Recently, I talked separately to three South Metro football coaches to gather their thoughts on this recent phenomenon of personal trainers, and the effects on their athletes, programs and the sport overall. Note – I had only talked with, and shared my personal opinion on the subject with one of three coaches before they offered up their thoughts.

For Dutchtown head football coach Mark Myers, it’s a head scratcher with all that high school football programs offer to the athletes year around now, why the use of personal trainers is even necessary.

“I think for a college athlete that’s getting ready for the NFL combine, a trainer is necessary because that’s what they’ll be tested on,” Myers said. “But it’s become such a huge money maker for the trainers and a lot of them have become vultures to the mothers. I tell my parents ‘If they want it, have at it. You can spend your money anyway you want, but you’re already getting it for free here.’

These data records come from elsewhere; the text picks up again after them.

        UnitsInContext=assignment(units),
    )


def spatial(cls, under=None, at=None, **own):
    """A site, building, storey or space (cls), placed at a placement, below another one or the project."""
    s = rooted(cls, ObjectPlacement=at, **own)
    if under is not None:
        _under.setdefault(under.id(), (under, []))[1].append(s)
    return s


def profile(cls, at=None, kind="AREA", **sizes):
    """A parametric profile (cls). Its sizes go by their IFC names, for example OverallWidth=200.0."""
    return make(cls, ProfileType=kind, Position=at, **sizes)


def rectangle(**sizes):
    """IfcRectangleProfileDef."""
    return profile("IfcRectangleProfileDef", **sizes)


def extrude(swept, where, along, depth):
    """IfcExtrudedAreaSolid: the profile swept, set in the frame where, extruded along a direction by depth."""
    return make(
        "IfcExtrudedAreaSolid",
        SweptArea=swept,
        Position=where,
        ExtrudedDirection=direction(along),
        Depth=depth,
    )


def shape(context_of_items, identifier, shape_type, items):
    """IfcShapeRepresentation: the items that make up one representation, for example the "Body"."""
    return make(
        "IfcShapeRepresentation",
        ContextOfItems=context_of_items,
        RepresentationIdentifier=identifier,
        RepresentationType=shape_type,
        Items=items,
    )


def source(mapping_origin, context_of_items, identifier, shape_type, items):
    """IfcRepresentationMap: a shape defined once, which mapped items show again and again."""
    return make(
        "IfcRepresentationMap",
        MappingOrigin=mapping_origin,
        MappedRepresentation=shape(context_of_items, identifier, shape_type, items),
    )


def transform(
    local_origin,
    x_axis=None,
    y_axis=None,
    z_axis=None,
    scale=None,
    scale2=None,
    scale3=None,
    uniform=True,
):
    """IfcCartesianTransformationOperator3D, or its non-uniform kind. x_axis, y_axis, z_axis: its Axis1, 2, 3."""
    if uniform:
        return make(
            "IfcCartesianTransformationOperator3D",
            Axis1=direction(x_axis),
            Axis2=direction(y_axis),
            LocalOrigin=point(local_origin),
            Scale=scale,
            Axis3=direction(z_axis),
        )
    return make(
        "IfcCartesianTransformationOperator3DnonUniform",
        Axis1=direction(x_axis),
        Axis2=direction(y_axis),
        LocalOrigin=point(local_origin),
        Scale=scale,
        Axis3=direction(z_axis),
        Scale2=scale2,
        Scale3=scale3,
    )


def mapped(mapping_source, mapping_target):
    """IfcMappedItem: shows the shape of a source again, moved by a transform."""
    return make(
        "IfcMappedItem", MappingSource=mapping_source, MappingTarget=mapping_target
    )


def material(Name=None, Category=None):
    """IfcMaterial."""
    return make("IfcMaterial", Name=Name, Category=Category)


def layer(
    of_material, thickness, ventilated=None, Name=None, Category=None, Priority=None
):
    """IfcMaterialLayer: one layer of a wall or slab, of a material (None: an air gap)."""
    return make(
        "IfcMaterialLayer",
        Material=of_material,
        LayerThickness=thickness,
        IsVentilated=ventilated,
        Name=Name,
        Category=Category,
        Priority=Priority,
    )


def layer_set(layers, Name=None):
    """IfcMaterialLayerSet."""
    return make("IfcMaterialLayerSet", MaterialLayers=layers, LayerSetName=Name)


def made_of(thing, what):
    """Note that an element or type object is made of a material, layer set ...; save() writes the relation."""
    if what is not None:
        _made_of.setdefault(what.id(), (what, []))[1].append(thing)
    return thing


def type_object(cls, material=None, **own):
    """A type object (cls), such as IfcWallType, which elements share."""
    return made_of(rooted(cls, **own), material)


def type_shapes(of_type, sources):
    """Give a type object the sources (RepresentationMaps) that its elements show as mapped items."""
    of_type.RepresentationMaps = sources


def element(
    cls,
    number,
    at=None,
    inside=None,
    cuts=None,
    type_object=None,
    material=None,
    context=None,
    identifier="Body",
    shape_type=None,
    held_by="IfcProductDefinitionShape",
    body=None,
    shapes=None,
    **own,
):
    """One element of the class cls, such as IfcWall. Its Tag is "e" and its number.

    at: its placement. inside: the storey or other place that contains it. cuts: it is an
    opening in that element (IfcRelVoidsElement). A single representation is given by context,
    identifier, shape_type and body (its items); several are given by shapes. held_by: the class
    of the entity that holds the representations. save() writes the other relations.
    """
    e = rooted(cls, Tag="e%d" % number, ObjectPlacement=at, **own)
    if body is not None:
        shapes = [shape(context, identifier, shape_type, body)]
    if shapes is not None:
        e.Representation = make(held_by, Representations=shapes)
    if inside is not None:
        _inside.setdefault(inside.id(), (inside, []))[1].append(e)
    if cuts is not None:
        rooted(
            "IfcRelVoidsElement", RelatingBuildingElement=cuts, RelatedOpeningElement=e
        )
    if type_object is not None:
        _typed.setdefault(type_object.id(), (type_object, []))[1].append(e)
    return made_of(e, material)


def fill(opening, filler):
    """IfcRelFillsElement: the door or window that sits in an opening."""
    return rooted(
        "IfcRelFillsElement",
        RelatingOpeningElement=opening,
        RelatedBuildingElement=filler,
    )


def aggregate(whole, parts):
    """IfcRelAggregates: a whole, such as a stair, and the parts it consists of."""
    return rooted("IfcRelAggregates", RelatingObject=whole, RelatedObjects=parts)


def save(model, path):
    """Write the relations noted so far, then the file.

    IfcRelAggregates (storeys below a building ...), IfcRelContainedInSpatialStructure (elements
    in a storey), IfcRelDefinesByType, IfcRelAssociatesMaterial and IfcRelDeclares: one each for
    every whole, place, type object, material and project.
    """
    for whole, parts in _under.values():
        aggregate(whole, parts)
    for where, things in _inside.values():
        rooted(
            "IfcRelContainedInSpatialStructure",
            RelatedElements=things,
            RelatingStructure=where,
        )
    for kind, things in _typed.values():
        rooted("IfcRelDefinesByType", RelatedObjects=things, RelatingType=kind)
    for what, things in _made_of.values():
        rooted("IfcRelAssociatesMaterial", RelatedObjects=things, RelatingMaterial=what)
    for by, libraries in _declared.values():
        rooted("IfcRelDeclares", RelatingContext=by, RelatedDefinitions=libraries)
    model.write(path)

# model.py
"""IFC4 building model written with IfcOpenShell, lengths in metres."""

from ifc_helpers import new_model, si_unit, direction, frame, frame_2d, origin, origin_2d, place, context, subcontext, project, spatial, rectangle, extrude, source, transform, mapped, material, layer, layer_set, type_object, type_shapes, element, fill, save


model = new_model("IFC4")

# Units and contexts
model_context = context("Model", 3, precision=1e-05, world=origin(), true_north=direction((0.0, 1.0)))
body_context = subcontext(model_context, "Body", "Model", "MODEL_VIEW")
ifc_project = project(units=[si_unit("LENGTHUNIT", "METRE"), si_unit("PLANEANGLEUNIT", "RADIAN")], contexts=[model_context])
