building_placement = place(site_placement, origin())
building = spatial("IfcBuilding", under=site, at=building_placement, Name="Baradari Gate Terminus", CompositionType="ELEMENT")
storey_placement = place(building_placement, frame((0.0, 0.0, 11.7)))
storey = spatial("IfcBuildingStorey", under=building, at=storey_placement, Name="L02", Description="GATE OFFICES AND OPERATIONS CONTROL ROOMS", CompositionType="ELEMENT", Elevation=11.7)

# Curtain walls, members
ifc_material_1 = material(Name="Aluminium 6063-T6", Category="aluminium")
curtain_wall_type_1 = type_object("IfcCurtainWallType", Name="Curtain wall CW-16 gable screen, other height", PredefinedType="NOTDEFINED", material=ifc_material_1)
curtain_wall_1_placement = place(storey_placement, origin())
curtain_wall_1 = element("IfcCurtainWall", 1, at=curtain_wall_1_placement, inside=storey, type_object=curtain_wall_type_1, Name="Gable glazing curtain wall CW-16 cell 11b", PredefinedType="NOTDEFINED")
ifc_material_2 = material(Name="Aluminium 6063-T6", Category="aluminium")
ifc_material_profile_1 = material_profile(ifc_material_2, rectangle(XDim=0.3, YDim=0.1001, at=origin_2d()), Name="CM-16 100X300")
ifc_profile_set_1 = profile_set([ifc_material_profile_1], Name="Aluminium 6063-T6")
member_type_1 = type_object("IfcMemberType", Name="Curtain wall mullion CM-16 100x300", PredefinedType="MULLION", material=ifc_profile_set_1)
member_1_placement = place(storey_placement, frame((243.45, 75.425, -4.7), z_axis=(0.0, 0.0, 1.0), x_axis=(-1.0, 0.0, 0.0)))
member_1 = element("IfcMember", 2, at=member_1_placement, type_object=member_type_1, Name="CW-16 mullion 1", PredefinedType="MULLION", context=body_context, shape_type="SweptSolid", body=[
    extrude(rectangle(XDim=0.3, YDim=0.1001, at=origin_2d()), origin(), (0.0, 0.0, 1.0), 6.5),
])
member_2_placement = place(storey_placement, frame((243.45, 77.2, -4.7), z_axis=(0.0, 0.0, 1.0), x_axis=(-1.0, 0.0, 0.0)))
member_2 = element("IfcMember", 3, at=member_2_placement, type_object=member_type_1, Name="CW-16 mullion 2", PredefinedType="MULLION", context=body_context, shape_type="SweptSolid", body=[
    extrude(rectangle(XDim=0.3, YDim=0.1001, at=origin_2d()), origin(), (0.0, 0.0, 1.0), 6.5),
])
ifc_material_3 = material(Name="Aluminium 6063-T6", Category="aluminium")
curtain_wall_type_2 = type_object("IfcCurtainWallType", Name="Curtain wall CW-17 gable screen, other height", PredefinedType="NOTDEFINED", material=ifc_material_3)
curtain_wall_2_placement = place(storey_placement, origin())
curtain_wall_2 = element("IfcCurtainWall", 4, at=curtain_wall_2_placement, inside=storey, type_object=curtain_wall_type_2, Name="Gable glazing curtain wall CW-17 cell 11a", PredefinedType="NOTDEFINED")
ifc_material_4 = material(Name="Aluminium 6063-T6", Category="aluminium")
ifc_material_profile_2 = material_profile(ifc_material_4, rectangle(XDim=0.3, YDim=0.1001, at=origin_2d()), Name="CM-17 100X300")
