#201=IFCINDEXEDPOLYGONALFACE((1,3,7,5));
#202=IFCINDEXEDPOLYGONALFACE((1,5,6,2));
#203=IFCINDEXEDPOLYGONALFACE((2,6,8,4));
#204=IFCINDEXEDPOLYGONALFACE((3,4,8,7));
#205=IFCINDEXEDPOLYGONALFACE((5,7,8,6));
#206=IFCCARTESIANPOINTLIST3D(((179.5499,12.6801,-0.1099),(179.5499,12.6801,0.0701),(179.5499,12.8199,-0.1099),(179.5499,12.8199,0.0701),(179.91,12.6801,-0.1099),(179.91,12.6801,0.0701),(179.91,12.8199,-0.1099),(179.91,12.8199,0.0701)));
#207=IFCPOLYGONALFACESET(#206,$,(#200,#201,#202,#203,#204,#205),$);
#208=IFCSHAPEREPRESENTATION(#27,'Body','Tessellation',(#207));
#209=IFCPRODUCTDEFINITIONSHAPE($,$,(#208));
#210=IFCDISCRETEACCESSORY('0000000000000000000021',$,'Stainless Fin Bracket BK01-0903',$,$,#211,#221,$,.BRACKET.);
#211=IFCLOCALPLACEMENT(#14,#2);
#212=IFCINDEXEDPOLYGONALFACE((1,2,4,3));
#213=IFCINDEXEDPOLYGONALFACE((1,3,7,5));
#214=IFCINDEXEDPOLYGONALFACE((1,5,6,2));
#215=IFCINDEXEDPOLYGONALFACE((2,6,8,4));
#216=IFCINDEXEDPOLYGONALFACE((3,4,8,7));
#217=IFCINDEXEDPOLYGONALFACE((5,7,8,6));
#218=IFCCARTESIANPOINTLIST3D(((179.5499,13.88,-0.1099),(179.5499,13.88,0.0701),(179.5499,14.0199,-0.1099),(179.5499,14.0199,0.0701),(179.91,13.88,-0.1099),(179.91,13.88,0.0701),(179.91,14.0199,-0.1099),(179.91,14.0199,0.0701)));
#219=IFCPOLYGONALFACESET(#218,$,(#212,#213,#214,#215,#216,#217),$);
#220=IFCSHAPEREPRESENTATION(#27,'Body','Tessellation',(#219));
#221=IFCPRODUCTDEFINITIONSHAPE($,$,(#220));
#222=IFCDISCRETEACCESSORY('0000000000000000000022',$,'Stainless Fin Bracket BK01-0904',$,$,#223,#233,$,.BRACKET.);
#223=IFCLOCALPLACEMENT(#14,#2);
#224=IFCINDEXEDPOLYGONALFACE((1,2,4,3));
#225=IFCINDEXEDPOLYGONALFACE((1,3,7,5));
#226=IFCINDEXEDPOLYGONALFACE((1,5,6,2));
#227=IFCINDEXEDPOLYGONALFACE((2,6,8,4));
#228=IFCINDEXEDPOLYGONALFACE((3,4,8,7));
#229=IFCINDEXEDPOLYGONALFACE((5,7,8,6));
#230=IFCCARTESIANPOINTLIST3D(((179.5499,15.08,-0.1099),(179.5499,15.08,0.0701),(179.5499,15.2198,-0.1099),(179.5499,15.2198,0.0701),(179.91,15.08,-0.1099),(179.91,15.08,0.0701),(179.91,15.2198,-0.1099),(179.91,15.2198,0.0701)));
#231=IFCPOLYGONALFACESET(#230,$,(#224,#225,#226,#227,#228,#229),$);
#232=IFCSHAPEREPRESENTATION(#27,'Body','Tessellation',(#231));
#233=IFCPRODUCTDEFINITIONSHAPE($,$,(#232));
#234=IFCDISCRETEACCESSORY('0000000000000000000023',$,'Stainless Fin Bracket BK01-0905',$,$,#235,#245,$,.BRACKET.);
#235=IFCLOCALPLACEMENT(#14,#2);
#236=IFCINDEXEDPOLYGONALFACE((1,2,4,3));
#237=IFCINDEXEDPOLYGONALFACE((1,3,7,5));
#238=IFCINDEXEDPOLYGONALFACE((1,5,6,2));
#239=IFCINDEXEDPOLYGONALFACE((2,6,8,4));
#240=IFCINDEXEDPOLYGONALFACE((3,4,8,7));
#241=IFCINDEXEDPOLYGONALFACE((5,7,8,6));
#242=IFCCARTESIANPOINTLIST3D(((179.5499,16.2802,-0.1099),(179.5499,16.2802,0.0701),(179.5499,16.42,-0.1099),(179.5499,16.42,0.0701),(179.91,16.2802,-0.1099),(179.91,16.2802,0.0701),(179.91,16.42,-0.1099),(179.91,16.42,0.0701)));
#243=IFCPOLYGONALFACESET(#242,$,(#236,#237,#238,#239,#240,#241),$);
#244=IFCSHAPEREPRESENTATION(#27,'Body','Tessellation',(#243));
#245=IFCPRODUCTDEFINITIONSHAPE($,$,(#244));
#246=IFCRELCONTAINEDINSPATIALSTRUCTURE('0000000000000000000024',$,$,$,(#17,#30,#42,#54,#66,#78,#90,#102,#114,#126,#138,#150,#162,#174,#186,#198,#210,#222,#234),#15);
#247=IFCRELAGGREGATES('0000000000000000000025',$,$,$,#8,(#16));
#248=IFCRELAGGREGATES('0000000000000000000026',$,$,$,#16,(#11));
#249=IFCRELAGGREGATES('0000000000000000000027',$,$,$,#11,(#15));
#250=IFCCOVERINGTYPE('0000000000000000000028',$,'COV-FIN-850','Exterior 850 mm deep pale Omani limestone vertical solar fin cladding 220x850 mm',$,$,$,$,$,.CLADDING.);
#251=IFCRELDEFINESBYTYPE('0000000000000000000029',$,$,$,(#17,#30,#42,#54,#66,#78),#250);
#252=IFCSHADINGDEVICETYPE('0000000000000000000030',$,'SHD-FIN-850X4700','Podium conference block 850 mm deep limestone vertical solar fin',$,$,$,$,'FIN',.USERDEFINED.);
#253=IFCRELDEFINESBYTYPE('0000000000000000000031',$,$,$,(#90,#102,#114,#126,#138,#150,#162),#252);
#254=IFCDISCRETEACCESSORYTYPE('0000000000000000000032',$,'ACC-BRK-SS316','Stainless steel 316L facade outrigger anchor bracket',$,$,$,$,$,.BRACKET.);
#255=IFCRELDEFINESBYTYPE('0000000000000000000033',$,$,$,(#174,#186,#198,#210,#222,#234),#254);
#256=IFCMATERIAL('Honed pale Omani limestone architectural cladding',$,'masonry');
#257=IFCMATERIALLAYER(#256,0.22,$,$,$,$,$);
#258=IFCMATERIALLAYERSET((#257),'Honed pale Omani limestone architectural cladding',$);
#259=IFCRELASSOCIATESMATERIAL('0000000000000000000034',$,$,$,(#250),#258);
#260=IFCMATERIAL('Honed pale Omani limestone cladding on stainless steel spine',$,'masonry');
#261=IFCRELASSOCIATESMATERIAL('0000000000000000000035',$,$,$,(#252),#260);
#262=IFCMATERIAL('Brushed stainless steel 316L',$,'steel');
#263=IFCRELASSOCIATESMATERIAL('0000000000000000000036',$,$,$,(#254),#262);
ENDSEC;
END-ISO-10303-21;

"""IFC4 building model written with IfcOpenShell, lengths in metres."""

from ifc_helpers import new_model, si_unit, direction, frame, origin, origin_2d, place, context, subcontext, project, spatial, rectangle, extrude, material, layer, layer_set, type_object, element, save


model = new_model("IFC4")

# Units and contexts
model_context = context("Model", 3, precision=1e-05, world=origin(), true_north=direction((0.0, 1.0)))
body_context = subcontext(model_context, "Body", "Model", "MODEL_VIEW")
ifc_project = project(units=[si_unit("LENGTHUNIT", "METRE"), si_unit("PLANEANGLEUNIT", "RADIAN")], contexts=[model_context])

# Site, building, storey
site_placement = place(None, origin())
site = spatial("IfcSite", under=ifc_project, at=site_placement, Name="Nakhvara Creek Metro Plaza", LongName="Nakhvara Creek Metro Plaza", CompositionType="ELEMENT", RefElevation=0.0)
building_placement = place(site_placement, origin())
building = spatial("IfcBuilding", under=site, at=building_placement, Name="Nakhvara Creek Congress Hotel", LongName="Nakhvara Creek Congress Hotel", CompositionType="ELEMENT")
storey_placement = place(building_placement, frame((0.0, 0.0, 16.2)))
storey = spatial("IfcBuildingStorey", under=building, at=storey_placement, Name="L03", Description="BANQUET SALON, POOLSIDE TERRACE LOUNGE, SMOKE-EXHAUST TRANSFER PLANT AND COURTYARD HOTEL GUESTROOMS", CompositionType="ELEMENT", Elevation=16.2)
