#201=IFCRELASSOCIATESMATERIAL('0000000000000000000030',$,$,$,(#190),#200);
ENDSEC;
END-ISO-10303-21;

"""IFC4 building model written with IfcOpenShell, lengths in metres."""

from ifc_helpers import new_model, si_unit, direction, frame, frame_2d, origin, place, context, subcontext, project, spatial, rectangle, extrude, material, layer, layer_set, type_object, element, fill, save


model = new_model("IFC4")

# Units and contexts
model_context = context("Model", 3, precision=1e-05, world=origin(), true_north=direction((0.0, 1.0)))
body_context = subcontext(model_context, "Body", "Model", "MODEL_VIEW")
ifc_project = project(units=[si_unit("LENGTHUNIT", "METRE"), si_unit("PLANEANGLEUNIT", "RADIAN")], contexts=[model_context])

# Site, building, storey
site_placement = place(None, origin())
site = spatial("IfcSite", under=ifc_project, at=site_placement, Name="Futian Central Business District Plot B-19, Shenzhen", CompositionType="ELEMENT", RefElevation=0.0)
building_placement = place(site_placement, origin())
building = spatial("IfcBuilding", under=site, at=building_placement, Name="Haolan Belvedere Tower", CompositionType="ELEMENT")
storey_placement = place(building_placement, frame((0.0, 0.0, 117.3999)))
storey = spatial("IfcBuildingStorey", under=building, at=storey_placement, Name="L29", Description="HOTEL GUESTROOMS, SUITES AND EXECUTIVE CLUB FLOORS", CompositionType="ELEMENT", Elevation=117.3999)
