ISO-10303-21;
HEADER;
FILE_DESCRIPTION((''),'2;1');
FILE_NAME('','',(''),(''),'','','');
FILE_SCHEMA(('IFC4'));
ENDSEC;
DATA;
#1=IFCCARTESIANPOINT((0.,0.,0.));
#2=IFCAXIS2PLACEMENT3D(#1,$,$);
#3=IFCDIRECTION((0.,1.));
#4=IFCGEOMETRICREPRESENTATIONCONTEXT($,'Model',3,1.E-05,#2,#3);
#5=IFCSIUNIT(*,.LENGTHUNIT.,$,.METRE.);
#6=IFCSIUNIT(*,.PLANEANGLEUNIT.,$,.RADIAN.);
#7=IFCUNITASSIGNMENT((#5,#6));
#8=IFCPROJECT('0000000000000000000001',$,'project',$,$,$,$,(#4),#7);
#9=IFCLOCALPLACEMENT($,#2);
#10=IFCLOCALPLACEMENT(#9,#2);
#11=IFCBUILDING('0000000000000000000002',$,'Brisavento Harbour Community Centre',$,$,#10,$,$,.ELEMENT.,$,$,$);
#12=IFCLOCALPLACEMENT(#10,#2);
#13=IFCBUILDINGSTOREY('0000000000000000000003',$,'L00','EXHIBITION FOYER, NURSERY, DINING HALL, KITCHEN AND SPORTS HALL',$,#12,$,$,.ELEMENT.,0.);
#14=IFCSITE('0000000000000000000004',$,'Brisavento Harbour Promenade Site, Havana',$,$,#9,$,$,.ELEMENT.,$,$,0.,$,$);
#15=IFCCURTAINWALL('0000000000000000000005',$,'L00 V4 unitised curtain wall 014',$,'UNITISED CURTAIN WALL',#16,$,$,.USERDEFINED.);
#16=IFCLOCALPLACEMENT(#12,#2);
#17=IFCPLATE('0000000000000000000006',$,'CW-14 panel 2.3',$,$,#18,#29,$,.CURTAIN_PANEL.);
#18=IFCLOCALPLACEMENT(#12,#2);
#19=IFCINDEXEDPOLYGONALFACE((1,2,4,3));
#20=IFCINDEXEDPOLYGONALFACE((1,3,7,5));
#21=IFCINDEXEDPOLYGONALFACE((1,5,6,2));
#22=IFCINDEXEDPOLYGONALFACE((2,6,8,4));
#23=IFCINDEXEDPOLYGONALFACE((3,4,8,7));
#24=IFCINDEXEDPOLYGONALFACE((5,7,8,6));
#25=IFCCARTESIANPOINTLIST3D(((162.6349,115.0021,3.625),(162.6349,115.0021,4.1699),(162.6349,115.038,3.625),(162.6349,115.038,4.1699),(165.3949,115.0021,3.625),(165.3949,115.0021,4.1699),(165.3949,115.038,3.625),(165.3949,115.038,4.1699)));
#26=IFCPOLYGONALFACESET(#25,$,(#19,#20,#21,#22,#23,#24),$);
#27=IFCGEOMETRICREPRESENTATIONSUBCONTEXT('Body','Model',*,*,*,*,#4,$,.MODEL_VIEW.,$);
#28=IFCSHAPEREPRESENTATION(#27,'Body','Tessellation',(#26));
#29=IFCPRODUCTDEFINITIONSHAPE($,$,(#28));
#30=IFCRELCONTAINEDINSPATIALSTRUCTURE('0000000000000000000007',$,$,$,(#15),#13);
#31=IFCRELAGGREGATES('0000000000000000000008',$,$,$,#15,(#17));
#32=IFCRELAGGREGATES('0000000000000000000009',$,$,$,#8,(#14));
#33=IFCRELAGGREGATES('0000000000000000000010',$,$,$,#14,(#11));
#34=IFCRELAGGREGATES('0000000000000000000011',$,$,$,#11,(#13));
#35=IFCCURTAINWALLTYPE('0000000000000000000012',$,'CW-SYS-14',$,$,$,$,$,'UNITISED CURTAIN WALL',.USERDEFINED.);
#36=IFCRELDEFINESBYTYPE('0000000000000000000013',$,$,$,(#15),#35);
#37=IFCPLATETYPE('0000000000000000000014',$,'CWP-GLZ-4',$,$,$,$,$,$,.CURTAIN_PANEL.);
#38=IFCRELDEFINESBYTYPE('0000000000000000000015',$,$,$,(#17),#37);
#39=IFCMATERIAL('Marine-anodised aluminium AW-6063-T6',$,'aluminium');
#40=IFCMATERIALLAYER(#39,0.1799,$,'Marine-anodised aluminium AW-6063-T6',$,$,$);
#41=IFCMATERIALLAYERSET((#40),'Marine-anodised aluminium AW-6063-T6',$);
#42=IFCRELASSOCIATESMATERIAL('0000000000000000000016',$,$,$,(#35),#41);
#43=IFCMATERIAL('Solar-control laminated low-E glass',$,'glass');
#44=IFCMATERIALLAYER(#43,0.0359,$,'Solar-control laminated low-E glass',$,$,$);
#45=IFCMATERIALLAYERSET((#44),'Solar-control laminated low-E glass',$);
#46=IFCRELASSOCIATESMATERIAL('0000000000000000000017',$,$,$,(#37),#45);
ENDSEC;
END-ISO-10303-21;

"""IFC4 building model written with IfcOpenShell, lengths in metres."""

from ifc_helpers import new_model, si_unit, direction, frame, origin, origin_2d, place, context, subcontext, project, spatial, rectangle, extrude, material, layer, layer_set, type_object, element, aggregate, save


model = new_model("IFC4")

# Units and contexts
model_context = context("Model", 3, precision=1e-05, world=origin(), true_north=direction((0.0, 1.0)))
body_context = subcontext(model_context, "Body", "Model", "MODEL_VIEW")
ifc_project = project(units=[si_unit("LENGTHUNIT", "METRE"), si_unit("PLANEANGLEUNIT", "RADIAN")], contexts=[model_context])

# Site, building, storey
site_placement = place(None, origin())
site = spatial("IfcSite", under=ifc_project, at=site_placement, Name="Brisavento Harbour Promenade Site, Havana", CompositionType="ELEMENT", RefElevation=0.0)
building_placement = place(site_placement, origin())
building = spatial("IfcBuilding", under=site, at=building_placement, Name="Brisavento Harbour Community Centre", CompositionType="ELEMENT")
storey_placement = place(building_placement, origin())
storey = spatial("IfcBuildingStorey", under=building, at=storey_placement, Name="L00", Description="EXHIBITION FOYER, NURSERY, DINING HALL, KITCHEN AND SPORTS HALL", CompositionType="ELEMENT", Elevation=0.0)

# Curtain wall
ifc_material_1 = material(Name="Marine-anodised aluminium AW-6063-T6", Category="aluminium")
ifc_layer_1 = layer(ifc_material_1, 0.1799, Name="Marine-anodised aluminium AW-6063-T6")
ifc_layer_set_1 = layer_set([ifc_layer_1], Name="Marine-anodised aluminium AW-6063-T6")
curtain_wall_type_1 = type_object("IfcCurtainWallType", Name="CW-SYS-14", ElementType="UNITISED CURTAIN WALL", PredefinedType="USERDEFINED", material=ifc_layer_set_1)
curtain_wall_1_placement = place(storey_placement, origin())
curtain_wall_1 = element("IfcCurtainWall", 1, at=curtain_wall_1_placement, inside=storey, type_object=curtain_wall_type_1, Name="L00 V4 unitised curtain wall 014", ObjectType="UNITISED CURTAIN WALL", PredefinedType="USERDEFINED")

# Plate
ifc_material_2 = material(Name="Solar-control laminated low-E glass", Category="glass")
ifc_layer_2 = layer(ifc_material_2, 0.0359, Name="Solar-control laminated low-E glass")
ifc_layer_set_2 = layer_set([ifc_layer_2], Name="Solar-control laminated low-E glass")
plate_type = type_object("IfcPlateType", Name="CWP-GLZ-4", PredefinedType="CURTAIN_PANEL", material=ifc_layer_set_2)
plate_1_placement = place(storey_placement, frame((164.0149, 115.02, 3.625), z_axis=(0.0, 0.0, 1.0), x_axis=(1.0, 0.0, 0.0)))
plate_1 = element("IfcPlate", 2, at=plate_1_placement, type_object=plate_type, Name="CW-14 panel 2.3", PredefinedType="CURTAIN_PANEL", context=body_context, shape_type="SweptSolid", body=[
    extrude(rectangle(XDim=2.76, YDim=0.0359, at=origin_2d()), origin(), (0.0, 0.0, 1.0), 0.5449),
])
aggregate(curtain_wall_1, [plate_1])

save(model, "model.ifc")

“Football has become year around at the schools with position drills, strength and conditioning and camps that we go to,” Myers continued. “So I don’t see how the kids are benefiting. They’re training three and four days at the school and then going to see their personal trainer. At some point, the body needs to rest. And when do they have time to study and do school work? Overtraining sets in, with high school burnout being very real.”

Tim Floyd, the head coach of the Jonesboro Cardinals, which made the Class AAAA Elite Eight in football during the 2015 season, while coaching a cache of Division I signees, also sees the detrimental impact that some trainers can have on a player and the program.

“Personal trainers most definitely have influence on kids and parents,” Floyd said. “Some personal trainers produce obstacles that some schools have to overcome, such as transfers, interfering with team activities and teaching different techniques.”

Lovejoy Wildcats coach Ed Carson noted that there can be a positive, but also a negative side to personal trainers.

“Personal trainers that played the game can be very influential on kids, sharing their stories, teaching techniques to help them get bigger, stronger and faster,” Carson said. “But on the flip side, it can be negative, especially when it interferes with what coaches are trying to do. The personal trainer should build a relationship with the coach, and they should build a relationship together to find a common goal for the athlete. If not, they’re on two different accords and it can be treacherous.”

And ultimately, the coaches pointed out that when they speak to recruiters, what those recruiters want to see is game film. They want to see how the athletes perform under the Friday night lights.

“In today’s game, we’re dealing with a lot of kids who work with personal trainers who tell them ‘This is what you need to be doing,’ and that can conflict with what the coach is doing,” Carson said. “Too often, whatever the kid hears that’s new and hot to them, they’re attracted to it. But at the end of the day, you have to work hard. College coaches are going to watch your high school film, they’re not going to watch you work out with your personal trainer.”